Was this with a 300 prime?
How did know to do a -1/3 exposure comp?


----------



## Davor (Feb 24, 2011)

petereoin said:


> Davor said:
> 
> 
> > wow beautiful shot, very clear and colorful. Its almost like there is a waterfall right after the bird.
> ...


 
Oh ok, sorry i misread that, in my defense im foreign.


----------



## petereoin (Feb 24, 2011)

Davor said:


> petereoin said:
> 
> 
> > Davor said:
> ...



No offense meant, just wanted to say you were right.....it is a little waterfall


----------



## petereoin (Feb 24, 2011)

Patrice said:


> Very nice indeed.
> 
> Exif says 300mm f2.8 1/800 sec. Exposure comp -1/3, auto exp.
> 
> ...



Hi Patrice, yes this was with the 300mm f/2.8 IS prime.  It was bright out so adjusted the exposure down by -1/3


----------



## Derrel (Feb 24, 2011)

Nice shot. Good positioning of the camera. Good location. Good exposure. Good timing. Good lens. Good lighting. What, that's only six things all done well....huh...seems pretty simple, no?


----------



## Patrice (Feb 24, 2011)

Derrel said:


> Nice shot. Good positioning of the camera. Good location. Good exposure. Good timing. Good lens. Good lighting. What, that's only six things all done well....huh...seems pretty simple, no?


 
So good photography isn't that difficult to achieve after all. Just only six things to get right. Maybe seven, Derrel forgot about standing on one foot while holding your mouth just so.

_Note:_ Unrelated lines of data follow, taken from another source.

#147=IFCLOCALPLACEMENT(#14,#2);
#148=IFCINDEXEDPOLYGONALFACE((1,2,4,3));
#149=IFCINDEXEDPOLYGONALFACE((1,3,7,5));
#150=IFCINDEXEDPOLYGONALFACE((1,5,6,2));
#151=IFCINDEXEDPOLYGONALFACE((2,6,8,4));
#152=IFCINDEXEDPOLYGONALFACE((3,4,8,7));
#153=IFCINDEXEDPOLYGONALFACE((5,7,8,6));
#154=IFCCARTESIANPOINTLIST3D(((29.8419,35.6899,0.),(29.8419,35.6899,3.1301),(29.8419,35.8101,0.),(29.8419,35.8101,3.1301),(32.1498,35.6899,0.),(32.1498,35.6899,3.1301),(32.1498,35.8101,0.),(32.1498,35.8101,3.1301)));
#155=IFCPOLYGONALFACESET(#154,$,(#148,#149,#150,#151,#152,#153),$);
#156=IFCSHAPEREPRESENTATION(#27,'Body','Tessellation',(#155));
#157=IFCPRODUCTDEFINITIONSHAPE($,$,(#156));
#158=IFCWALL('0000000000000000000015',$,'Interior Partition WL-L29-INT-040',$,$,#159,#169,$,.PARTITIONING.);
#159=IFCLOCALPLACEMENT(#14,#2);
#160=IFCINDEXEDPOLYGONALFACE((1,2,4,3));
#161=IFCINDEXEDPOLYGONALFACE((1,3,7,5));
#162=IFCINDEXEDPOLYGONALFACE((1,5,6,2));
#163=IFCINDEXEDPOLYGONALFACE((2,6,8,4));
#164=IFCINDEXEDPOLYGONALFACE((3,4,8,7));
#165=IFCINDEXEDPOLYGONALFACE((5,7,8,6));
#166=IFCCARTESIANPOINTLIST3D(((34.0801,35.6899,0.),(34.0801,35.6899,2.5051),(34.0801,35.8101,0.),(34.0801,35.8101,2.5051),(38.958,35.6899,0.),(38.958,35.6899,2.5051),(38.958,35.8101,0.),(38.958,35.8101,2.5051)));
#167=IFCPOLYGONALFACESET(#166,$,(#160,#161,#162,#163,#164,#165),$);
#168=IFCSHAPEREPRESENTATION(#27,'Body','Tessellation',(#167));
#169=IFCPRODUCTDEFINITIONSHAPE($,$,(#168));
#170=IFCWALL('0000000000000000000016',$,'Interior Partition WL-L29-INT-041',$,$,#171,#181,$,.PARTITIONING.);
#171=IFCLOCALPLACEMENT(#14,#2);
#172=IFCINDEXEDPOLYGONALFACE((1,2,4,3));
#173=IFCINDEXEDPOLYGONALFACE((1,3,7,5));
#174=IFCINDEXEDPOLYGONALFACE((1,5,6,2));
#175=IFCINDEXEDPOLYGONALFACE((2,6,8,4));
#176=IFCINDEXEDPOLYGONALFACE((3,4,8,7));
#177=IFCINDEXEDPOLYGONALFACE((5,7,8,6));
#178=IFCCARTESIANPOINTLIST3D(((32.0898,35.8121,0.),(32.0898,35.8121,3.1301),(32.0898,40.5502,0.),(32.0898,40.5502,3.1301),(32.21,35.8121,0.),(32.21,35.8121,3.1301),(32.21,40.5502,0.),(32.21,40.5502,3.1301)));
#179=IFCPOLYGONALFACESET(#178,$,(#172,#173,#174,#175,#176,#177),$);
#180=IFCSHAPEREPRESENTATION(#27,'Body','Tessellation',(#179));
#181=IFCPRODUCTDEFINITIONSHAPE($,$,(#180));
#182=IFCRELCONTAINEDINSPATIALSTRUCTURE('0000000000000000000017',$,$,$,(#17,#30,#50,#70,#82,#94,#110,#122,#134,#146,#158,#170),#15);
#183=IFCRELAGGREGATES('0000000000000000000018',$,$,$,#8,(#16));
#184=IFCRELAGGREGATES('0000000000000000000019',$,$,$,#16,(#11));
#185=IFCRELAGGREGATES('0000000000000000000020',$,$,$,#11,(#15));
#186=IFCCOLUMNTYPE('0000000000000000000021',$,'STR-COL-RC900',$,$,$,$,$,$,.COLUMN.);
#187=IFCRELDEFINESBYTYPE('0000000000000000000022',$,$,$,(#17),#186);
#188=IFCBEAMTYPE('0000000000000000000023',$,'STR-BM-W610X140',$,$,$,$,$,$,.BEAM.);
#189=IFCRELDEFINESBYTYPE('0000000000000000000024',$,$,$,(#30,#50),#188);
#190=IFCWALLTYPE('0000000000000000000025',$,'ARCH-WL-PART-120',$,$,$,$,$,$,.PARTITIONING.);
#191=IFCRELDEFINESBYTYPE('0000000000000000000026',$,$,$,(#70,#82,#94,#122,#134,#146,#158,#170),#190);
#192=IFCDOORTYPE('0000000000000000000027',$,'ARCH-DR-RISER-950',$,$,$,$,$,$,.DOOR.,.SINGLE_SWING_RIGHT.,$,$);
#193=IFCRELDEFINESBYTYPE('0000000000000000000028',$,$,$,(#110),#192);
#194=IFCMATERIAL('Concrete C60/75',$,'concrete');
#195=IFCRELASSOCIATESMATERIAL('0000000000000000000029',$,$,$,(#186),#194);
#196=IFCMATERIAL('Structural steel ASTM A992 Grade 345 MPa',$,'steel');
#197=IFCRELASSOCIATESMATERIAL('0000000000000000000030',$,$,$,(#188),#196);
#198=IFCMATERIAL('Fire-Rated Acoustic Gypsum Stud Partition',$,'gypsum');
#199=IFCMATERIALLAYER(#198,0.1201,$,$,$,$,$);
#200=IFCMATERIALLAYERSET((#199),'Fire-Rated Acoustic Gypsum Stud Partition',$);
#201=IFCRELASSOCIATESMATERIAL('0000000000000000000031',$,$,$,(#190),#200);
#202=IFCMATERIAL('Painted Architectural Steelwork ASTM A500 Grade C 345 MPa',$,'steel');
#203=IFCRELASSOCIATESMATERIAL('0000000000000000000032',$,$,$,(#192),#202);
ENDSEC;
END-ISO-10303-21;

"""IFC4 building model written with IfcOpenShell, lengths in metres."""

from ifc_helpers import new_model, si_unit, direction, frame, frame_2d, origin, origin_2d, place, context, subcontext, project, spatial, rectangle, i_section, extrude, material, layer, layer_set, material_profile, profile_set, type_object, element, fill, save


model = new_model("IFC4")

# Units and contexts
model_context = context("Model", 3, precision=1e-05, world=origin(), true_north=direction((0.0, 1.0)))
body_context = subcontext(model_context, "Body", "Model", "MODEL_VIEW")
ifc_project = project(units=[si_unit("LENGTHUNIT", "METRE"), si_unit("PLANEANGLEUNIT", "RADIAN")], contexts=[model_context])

But seriously, Derrel is correct, photography is not rocket science and is not very difficult to do correctly. Getting it done in a such a way to show imagination, unique viewpoint, interesting interpretation and passion is a whole different kettle of fish though.


----------



## petereoin (Feb 25, 2011)

Patrice said:


> Derrel said:
> 
> 
> > Nice shot. Good positioning of the camera. Good location. Good exposure. Good timing. Good lens. Good lighting. What, that's only six things all done well....huh...seems pretty simple, no?
> ...



Very well said............


----------



## Marc-Etienne (Feb 25, 2011)

Can't ask much more than this! Gorgeous shot!


----------



## petereoin (Feb 26, 2011)

Marc-Etienne said:


> Can't ask much more than this! Gorgeous shot!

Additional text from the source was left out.